In the cooking apparatus 100, optionally, the first chamber 41 is located right below the second chamber 42, the height of the first chamber 41 accounts for 20-80% of the height of the accommodating chamber 40, and the height of the second chamber 42 accounts for 20-80% of the height of the accommodating chamber 40. The volume of first sub-chamber 412 is in the range of 20-80% of the volume of first chamber 41 and the volume of second sub-chamber 413 is in the range of 20-80% of the volume of first chamber 41. The above arrangement can optimize the space utilization rate in the accommodating chamber 40, facilitate the flow of the heat dissipating wind flow, and improve the structural rationality and heat dissipating effect of the cooker 100. In practical use, a user may set specific values of the heights of the first chamber 41 and the second chamber 42 according to specific heights of the accommodating cavity 40 and thicknesses of the circuit board 80 and the coil panel 70, and set specific values of the volumes of the first sub-chamber 412 and the second sub-chamber 413 according to the volumes of the heat dissipation fan 60 and the circuit board 80, which is not limited in this embodiment.

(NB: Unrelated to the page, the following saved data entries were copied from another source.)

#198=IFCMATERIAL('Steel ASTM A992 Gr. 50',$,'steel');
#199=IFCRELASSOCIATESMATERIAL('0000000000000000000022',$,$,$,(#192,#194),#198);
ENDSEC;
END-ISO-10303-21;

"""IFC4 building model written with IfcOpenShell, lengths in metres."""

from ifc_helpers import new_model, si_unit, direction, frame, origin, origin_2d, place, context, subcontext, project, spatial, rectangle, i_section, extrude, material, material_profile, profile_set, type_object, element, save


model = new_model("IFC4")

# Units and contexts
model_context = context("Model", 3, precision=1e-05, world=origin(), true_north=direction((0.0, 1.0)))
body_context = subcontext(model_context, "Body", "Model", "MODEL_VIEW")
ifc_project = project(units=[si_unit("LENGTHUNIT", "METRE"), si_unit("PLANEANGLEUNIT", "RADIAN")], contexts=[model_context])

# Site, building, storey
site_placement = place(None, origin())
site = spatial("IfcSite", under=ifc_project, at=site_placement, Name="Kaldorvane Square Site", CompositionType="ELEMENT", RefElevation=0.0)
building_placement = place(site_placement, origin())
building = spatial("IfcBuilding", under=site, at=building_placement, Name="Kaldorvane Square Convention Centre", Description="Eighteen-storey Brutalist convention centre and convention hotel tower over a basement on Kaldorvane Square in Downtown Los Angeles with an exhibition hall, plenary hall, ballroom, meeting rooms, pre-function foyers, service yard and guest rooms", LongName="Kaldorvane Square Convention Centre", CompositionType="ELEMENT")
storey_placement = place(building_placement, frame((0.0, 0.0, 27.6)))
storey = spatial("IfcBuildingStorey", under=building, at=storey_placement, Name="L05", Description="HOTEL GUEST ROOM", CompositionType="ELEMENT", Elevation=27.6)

Further, the temperature measuring part 31 can be arranged at a position close to the cover plate 30 in the second chamber 42, the temperature measuring part 31 can be electrically connected with the circuit board 80 in the first chamber 41, the temperature measuring part 31 can obtain the temperature transmitted by the pot to the cover plate 30, the temperature can be indirectly used as the real-time heating temperature of the pot, and the circuit board 80 can regulate and control the work of the coil panel 70 after obtaining the temperature, so that the temperature control of the cooker 100 is realized.

The cover plate 30 of this embodiment may be a resin member to facilitate fixing of the coil disk 70, and the coil disk 70 is connected to a surface of the cover plate 30 near the accommodating cavity. At this time, the lid plate 30 is damaged in order to prevent the pot from contacting the lid plate 30. The surface of the cover plate 30 can be further provided with a heat insulation pad 32, and the cookware is placed on the heat insulation pad 32, so that the cover plate 30 is prevented from being in direct contact with the cookware. Of course, the cover plate 30 may also include a panel and an upper cover which are separately arranged, the panel is generally connected to the upper cover by bonding, and the panel may be a microcrystalline panel or a ceramic panel. At this time, the coil disk 70 may be disposed on the face of the partition plate 50 on the side close to the second cavity 42.

In the description of the embodiments of the present invention, it should be understood that the terms "mounted," "connected," and "connected" are intended to be construed broadly, e.g., to mean a fixed connection, an indirect connection through intervening media, a connection between two elements, or an interaction between two elements, unless expressly stated or limited otherwise. The specific meaning of the above terms in the present invention can be understood according to specific situations by those skilled in the art. The terms "upper", "lower", "front", "rear", "vertical", "horizontal", "top", "bottom", "inner", "outer", and the like indicate orientations or positional relationships based on the orientations or positional relationships shown in the drawings, and are merely for convenience in describing and simplifying the present invention, and do not indicate or imply that the device or element referred to must have a particular orientation, be constructed in a particular orientation, and be operated, and thus should not be construed as limiting the present invention. In the description of the present invention, "a plurality" means two or more unless specifically stated otherwise.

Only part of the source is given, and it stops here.